Be a Big Kid. Remember the things that you got you into the holiday spirit as a child. Was it a specific song? Or might there be an old, neglected tradition that you can resurrect or add a new twist to?

Ask your kids what they enjoy best about getting ready for (and celebrating) the holidays: Incorporate those things into your holiday planning. Get ideas for planning special occasions here.

Learn about other traditions around you. Are there other cultures or religions in your community that celebrate holidays in unique ways? Does your child have a friend who celebrates a different holiday than he or she does? Extend your holiday cheer to families outside of your normal realm of contact.

Download Tips: What to Do when You Don’t Celebrate Christmas >

• Young children get into the holiday spirit more when they have predictable routines and get enough rest. Strive to maintain your everyday routines during the holiday season.

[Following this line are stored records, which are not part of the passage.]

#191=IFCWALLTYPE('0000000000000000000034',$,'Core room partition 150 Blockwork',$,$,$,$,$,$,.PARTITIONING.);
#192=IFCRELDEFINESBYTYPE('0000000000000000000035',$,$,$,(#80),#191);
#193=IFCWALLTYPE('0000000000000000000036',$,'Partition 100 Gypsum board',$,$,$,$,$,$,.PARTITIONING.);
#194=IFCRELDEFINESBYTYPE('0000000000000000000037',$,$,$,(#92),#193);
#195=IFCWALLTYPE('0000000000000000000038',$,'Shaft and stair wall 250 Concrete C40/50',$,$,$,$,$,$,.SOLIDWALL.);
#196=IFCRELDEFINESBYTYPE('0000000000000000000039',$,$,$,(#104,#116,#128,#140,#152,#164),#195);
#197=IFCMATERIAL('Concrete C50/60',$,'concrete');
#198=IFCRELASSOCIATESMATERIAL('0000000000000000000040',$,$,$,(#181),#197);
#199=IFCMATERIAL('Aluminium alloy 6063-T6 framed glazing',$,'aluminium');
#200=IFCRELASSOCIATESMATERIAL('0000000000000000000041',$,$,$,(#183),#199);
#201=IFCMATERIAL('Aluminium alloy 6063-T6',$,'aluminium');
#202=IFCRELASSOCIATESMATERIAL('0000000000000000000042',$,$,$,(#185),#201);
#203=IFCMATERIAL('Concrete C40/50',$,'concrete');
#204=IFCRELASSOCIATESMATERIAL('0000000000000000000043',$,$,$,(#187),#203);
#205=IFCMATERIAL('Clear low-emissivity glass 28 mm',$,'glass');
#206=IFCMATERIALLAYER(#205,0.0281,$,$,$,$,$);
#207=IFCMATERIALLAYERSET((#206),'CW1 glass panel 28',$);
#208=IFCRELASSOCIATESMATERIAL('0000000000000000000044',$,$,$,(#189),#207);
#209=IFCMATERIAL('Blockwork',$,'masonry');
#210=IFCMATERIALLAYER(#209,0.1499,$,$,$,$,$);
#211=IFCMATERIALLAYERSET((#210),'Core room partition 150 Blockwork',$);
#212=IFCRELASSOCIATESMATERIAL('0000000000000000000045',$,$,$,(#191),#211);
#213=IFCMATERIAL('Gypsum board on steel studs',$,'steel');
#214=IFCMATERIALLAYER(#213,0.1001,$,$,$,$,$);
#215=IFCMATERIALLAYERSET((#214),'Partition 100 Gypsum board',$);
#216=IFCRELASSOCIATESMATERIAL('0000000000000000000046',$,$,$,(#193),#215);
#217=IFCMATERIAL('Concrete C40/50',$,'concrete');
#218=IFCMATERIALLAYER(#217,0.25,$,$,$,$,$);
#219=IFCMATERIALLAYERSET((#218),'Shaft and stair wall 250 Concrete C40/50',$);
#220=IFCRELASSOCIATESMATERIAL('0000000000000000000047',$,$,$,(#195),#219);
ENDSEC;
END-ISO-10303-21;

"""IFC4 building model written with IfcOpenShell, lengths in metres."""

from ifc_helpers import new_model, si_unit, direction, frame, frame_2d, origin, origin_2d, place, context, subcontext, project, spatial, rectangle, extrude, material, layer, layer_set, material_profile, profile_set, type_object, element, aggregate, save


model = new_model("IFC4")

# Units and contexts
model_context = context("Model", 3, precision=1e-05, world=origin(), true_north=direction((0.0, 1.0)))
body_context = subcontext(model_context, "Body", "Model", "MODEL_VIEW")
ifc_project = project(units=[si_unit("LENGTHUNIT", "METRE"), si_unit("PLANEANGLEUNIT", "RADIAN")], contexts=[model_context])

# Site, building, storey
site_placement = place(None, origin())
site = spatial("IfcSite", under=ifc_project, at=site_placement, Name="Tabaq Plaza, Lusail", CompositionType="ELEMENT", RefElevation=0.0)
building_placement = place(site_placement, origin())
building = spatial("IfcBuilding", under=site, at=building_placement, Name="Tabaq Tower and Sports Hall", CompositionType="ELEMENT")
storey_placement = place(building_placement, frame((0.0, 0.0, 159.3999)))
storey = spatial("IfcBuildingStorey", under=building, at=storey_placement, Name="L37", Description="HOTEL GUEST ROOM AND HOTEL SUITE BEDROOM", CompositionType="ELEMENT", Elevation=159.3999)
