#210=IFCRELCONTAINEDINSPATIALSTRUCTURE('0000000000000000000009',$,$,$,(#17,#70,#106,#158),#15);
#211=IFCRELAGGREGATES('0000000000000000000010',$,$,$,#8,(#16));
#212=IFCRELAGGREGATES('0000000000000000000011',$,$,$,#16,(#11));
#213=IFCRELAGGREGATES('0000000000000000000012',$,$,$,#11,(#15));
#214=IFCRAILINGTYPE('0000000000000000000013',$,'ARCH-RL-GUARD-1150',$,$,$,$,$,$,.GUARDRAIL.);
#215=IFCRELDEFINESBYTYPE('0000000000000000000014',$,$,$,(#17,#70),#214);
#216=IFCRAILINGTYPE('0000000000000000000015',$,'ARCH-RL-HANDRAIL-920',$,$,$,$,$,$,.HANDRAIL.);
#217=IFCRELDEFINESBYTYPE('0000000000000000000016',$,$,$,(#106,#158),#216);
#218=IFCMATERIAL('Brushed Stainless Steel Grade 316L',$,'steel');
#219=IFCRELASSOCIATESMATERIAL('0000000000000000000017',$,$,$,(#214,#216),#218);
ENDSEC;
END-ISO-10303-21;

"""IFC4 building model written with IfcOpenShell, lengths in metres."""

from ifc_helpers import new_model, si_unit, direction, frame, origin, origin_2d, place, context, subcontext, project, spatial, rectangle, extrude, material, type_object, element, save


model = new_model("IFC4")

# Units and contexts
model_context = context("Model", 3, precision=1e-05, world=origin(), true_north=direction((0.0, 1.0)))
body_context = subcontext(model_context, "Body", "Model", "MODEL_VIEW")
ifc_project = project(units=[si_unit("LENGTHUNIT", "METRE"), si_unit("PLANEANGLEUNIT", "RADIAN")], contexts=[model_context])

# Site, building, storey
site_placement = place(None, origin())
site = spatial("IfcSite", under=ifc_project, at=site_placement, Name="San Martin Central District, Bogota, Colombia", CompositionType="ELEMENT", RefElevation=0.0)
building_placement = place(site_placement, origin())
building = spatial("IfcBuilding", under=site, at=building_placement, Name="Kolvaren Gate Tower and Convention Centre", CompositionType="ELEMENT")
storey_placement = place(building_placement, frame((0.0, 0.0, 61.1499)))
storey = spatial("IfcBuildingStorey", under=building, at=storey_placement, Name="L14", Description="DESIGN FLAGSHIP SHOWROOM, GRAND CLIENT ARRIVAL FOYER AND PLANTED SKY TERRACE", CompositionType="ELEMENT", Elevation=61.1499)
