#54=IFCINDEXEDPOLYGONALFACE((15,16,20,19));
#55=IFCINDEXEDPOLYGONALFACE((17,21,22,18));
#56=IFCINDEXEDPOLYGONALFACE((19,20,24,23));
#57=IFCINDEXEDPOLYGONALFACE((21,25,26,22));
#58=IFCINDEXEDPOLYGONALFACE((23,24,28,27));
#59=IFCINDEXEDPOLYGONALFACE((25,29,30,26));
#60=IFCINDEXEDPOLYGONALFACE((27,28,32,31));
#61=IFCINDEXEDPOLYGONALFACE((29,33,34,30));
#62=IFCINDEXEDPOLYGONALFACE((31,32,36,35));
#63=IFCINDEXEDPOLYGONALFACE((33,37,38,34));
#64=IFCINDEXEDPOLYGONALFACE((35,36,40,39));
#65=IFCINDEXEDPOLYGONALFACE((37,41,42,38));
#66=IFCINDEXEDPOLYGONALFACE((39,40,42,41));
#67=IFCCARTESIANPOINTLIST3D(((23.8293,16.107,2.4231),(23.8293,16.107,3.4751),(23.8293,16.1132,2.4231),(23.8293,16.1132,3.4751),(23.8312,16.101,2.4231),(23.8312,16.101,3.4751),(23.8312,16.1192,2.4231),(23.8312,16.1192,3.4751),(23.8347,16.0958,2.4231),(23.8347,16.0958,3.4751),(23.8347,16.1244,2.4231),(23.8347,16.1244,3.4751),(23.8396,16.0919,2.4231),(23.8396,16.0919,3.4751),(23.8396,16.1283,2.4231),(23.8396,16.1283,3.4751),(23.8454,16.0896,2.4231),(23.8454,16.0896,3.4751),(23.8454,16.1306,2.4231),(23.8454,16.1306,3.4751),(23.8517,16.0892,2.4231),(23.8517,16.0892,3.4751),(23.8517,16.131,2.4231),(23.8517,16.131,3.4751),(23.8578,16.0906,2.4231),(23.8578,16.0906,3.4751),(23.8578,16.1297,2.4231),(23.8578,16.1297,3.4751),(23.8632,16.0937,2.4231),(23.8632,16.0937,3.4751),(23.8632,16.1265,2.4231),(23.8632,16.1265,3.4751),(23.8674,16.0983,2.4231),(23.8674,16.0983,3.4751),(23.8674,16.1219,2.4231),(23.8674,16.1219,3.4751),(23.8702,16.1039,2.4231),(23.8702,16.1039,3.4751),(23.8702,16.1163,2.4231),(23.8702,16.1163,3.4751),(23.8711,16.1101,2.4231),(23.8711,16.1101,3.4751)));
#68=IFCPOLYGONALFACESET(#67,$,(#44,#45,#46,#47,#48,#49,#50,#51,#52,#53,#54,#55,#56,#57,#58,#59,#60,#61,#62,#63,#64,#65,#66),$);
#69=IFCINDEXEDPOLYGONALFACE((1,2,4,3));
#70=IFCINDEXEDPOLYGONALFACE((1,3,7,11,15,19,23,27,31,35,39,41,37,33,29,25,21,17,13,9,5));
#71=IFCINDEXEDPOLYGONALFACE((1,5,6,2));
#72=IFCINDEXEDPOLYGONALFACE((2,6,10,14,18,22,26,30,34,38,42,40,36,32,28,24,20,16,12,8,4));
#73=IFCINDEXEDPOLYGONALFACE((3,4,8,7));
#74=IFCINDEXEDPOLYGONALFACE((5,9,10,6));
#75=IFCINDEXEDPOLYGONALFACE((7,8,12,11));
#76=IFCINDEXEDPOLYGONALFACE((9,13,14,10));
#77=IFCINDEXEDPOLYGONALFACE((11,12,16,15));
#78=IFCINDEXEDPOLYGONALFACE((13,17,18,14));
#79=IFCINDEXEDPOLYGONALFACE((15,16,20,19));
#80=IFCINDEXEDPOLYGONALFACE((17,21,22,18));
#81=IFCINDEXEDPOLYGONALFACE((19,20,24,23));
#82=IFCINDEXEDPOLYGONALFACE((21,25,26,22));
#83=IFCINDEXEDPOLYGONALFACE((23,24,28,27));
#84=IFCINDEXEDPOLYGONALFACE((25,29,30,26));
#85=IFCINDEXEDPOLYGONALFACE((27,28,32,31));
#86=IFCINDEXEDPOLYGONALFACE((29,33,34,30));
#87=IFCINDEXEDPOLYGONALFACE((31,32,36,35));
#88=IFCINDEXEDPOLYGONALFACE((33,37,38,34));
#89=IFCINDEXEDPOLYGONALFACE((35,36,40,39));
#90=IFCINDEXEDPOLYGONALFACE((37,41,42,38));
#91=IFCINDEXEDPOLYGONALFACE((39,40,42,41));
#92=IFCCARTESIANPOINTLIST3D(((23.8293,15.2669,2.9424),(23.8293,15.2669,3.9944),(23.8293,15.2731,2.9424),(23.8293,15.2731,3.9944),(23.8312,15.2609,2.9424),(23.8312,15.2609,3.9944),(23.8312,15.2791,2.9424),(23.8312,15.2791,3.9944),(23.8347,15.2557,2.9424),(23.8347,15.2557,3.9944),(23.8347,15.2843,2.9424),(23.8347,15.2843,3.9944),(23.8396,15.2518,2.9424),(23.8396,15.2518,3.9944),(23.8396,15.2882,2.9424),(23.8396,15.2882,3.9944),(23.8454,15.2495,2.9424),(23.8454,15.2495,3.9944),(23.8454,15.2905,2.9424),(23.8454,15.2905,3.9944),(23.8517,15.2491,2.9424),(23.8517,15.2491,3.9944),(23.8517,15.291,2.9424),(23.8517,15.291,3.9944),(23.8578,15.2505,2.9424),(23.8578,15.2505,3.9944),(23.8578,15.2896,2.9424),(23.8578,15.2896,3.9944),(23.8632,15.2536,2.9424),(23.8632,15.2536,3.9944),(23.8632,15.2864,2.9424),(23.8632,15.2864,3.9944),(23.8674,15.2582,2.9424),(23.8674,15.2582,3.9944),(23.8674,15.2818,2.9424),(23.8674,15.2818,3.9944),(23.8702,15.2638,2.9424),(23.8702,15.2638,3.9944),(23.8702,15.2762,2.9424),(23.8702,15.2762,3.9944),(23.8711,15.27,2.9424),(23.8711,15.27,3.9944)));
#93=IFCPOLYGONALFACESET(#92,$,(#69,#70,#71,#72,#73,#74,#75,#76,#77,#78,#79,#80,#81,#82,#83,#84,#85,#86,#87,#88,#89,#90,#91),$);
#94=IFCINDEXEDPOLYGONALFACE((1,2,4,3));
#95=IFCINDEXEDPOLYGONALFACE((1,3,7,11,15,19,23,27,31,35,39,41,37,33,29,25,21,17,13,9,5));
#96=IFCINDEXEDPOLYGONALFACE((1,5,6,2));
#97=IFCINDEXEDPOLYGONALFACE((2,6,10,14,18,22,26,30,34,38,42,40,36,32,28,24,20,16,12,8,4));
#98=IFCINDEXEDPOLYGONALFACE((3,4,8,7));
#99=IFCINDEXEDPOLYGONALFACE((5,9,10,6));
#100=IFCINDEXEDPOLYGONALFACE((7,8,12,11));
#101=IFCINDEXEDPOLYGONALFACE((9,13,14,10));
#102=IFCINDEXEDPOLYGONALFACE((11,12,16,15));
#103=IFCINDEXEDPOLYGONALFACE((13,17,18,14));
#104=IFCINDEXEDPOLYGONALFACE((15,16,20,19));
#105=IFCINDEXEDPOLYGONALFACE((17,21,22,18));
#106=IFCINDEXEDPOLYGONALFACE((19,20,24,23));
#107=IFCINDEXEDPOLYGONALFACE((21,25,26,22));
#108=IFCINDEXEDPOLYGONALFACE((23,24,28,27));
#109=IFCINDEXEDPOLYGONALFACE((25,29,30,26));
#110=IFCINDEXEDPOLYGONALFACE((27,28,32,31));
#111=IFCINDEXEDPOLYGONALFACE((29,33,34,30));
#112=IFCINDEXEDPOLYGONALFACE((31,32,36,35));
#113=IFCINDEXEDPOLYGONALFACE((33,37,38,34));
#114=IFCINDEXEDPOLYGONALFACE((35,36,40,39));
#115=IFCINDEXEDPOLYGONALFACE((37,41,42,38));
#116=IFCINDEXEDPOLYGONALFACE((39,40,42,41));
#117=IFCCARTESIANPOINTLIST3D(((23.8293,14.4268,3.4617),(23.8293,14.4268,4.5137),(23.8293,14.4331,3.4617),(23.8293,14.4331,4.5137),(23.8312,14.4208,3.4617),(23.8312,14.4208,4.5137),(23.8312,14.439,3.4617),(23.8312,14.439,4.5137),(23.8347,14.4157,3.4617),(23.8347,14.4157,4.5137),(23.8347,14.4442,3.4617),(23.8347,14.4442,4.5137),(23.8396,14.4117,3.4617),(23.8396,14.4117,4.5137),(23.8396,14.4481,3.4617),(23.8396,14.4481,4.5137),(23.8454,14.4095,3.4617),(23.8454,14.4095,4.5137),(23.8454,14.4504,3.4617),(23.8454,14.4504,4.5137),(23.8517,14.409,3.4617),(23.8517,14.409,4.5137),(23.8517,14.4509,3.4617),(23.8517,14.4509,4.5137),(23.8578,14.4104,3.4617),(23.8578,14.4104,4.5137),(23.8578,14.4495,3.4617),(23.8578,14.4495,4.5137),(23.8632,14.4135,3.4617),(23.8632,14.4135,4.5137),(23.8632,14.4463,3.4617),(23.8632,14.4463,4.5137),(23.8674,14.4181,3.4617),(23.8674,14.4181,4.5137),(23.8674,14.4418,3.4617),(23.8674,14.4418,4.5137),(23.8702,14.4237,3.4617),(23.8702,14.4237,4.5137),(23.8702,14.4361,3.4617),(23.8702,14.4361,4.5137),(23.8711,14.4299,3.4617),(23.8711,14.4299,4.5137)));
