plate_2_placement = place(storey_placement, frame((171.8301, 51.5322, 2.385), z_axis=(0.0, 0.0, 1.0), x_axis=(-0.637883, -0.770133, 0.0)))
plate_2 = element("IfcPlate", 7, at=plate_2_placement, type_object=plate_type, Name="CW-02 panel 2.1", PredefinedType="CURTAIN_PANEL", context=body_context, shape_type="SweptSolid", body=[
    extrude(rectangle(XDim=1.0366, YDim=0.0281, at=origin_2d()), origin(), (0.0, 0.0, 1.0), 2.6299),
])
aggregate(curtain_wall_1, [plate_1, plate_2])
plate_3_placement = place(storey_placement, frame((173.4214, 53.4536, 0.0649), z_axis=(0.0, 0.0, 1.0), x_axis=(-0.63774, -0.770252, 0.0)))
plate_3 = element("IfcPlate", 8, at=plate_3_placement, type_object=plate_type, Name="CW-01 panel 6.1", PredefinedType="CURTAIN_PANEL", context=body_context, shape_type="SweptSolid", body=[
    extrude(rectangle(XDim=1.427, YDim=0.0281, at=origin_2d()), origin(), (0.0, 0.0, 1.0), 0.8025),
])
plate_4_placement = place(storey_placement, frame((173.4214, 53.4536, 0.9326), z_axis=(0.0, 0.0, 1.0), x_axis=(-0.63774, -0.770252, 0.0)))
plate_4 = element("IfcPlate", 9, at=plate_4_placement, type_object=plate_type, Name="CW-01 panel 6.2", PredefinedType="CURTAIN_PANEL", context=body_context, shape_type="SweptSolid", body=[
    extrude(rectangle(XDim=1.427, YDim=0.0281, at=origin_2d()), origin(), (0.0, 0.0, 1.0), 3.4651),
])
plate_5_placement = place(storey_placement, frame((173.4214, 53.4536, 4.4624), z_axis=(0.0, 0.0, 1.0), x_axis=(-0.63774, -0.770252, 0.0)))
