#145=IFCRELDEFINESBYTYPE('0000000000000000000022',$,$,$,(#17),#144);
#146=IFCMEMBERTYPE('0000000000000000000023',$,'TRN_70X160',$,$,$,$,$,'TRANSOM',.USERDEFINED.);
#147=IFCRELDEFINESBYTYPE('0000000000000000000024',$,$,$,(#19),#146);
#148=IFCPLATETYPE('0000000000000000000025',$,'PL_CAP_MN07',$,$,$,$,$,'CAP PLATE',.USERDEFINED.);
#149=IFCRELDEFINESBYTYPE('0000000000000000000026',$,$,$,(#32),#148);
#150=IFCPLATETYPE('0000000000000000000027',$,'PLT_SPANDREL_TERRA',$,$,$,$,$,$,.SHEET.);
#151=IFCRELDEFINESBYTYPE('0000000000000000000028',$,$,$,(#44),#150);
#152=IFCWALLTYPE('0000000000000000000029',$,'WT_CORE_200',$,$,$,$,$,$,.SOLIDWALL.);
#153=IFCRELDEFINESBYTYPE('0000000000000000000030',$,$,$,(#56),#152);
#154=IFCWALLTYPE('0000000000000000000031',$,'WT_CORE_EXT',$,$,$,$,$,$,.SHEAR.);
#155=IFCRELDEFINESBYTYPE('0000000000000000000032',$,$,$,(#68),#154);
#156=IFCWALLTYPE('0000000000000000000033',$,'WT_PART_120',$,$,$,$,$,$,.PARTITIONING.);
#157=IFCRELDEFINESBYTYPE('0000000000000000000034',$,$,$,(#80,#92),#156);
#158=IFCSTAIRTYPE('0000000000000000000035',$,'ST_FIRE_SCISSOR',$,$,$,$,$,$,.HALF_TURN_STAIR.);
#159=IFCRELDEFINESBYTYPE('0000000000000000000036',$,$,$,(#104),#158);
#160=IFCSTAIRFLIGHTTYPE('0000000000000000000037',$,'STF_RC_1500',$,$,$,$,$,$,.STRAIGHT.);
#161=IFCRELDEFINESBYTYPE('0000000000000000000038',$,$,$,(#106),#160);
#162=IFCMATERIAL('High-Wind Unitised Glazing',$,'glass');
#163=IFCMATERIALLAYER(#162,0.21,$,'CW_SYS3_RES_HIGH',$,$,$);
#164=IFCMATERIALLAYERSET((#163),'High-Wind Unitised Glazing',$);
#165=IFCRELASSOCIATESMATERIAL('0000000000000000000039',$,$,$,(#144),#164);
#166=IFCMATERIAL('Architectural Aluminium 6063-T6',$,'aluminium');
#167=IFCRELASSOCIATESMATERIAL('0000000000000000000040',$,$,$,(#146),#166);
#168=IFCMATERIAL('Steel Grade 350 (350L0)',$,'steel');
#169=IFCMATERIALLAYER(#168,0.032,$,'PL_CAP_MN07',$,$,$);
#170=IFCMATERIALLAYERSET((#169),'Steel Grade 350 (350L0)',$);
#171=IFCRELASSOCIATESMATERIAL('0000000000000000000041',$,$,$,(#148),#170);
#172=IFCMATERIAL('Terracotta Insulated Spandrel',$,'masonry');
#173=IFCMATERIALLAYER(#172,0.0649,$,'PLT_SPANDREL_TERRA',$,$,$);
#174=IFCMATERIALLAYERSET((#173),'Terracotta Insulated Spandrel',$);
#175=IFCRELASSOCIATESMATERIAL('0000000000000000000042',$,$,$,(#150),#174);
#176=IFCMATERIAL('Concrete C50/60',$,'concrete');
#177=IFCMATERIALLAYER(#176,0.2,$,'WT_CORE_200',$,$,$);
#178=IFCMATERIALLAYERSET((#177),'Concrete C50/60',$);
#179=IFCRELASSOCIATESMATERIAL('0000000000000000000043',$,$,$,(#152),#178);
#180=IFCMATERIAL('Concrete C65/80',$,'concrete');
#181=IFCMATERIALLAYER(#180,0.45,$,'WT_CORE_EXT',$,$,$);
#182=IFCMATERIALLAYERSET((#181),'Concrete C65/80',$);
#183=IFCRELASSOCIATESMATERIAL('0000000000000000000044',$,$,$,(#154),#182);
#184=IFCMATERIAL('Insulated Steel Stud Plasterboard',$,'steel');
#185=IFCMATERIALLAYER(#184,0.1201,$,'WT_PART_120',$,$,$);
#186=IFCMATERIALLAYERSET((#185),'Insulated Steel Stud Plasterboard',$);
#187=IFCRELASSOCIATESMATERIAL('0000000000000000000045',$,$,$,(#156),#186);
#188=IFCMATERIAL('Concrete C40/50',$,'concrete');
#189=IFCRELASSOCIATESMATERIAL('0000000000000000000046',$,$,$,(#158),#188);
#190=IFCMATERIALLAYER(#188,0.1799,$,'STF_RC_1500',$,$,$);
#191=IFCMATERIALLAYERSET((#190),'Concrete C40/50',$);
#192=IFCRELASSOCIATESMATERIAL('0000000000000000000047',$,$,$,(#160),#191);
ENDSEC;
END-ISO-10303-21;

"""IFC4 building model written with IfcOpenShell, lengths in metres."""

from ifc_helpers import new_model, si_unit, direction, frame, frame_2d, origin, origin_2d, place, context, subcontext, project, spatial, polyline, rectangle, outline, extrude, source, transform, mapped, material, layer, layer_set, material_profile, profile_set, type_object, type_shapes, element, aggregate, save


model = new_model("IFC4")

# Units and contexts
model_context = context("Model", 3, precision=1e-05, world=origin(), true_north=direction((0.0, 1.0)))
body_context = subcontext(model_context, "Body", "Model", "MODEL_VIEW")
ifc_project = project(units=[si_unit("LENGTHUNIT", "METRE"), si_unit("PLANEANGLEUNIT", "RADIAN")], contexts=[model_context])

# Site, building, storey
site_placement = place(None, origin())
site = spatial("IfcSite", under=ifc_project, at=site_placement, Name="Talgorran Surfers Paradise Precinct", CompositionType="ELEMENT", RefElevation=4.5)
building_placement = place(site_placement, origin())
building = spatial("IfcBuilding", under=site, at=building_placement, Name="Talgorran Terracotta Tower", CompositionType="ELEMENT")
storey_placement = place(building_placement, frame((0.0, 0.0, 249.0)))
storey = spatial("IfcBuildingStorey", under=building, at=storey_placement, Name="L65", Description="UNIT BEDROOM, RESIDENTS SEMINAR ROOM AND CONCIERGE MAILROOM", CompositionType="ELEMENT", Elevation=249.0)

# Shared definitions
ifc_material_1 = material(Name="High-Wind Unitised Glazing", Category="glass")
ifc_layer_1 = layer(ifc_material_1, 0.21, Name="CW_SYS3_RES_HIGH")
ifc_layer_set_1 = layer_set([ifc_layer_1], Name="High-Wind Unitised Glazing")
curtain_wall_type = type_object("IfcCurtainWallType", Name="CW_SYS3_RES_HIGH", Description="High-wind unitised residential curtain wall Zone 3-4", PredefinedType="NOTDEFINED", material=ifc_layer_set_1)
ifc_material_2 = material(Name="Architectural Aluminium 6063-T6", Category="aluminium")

• Find small, meaningful ways that kids can do their own part for the upcoming holidays. Some families make sugar cookies and let young children decorate them any way they wish. Others create holiday traditions that children can take the lead, such as announcing that a dinner is ready.

• Too many adults get young kids overly wound up before the holidays. This can sometimes result in disappointment from overbuilt anticipation. Find ways to help your kids slow down and enjoy all the holiday season has to offer.

• Emphasize the giving aspect of the holidays. At this age, kids can become so engrossed in getting gifts that they miss out on giving to others.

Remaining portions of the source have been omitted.